## Joint distribution

It is a data table (similar to a relative frequency table) that shows the distribution of one set of data against the distribution of another set of data in percentages.

Weight lost (lbs) | ||||||

0-2 | 2-4 | 4-6 | 6-8 | +8 | ||

Miles walked per day
| 1-3 | 4% | 2% | 21% | 1% | 1% |

3-5 | 12% | 8% | 6% | 2% | 8% | |

5-7 | 1% | 12% | 1% | 0% | 10% | |

+7 | 2% | 3% | 4% | 1% | 1% |

Table 2.1. a data table of a group of 50 individuals, measuring the average number of hours each participant spent walking each day over the course of the study, data about the total number of pounds of weight lost in total by each participant was gathered over that same period of time.

The table 2.1 is an example of joint distribution, it shows that 4 % of the group, which would be 2 out of the 50 people studied, spent between 1 and 3 hours per der exercising, and lost between 0 and 2 pounds.

## Marginal distribution

If we add totals (by totalling up the data in each row and column) to the table 2.1. we get the following data table:

Weight lost (lbs) | |||||||

0-2 | 2-4 | 4-6 | 6-8 | +8 | Total | ||

Miles walked per day
| 1-3 | 4% | 2% | 21% | 1% | 1% | 29% |

3-5 | 12% | 8% | 6% | 2% | 8% | 36% | |

5-7 | 1% | 12% | 1% | 0% | 10% | 24% | |

+7 | 2% | 3% | 4% | 1% | 1% | 11% | |

Total | 19% | 25% | 32% | 4% | 20% | 100% |

Table 2.2. data table with marginal distributions.

## Conditional distribution

Conditional distribution is the distribution of one variable, while the other variable value is already known.

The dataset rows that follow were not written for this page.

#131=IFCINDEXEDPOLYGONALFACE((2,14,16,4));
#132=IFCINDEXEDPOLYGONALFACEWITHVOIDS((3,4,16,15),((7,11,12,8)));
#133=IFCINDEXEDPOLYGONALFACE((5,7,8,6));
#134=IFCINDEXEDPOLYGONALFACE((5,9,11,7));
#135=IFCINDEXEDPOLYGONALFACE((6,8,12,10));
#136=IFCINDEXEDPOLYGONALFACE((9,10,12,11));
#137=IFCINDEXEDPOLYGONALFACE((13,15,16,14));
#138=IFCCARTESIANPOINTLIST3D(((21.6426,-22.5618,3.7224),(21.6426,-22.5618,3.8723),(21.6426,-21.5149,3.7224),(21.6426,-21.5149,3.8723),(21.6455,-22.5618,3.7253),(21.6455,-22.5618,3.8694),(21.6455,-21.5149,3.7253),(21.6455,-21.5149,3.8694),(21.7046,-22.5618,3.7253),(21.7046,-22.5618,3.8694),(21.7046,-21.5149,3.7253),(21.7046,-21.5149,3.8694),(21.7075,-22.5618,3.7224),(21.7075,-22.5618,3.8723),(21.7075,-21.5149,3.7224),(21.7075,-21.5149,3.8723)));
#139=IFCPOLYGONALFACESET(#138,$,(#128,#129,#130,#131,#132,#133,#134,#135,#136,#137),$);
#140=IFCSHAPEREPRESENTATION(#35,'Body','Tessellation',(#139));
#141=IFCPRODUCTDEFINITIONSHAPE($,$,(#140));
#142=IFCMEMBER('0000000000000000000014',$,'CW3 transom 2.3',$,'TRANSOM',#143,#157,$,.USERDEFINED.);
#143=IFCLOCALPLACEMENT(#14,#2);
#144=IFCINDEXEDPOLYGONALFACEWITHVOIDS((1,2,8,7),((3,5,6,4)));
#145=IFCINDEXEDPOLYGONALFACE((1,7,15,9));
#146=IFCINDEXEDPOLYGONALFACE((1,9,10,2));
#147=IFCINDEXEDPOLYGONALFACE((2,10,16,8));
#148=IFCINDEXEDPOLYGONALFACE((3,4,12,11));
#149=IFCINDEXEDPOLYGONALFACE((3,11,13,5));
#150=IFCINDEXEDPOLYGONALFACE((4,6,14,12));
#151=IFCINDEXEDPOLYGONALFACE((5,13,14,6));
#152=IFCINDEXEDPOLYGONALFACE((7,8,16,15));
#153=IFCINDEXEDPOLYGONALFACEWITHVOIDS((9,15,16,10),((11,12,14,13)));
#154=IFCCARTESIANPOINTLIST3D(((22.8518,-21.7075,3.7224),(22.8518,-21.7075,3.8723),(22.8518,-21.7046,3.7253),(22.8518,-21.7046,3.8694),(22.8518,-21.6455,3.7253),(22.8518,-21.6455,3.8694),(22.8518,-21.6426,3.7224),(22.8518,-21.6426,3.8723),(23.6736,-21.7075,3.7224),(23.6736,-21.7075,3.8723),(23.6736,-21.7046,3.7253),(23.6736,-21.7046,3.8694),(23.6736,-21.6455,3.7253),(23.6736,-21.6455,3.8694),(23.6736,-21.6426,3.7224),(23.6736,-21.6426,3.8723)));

Weight lost (lbs) | |||||||

0-2 | 2-4 | 4-6 | 6-8 | +8 | Total | ||

Miles walked per day | 1-3 | 44% | 22% | 21% | 11% | 2% | 100% |

3-5 | 51% | 19% | 15% | 14% | 1% | 100% | |

5-7 | 61% | 19% | 10% | 0% | 10% | 100% | |

+7 | 22% | 38% | 14% | 5% | 21% | 100% |

Table 2.3. data table with 4 different conditional distributions.

The data table 2.3 shows that people who spent 1 − 3 hours walking per day, 44 % of them lost 0 − 2 pounds, 22 % of them lost 2 − 4 pounds, 21 % of them lost 4 − 6 pounds, 11 % of them lost 6 − 8 pounds and only 2 % of them lost +8 pounds. This distribution is conditional on 1 – 3 walking hours.

If we flip the two distributions, taking the miles walked per day distribution versus each weight loss variable and we calculate the percentages of each conditional variable. We will get the following data table:

Weight lost (lbs) | ||||||

0-2 | 2-4 | 4-6 | 6-8 | +8 | ||

Miles walked per day
| 1-3 | 40% | 52% | 21% | 15% | 11% |

3-5 | 12% | 8% | 16% | 29% | 8% | |

5-7 | 10% | 33% | 3% | 31% | 21% | |

+7 | 38% | 7% | 60% | 25% | 60% | |

Total | 100% | 100% | 100% | 100% | 100% |

Table 2.4. data table with 5 different conditional distributions.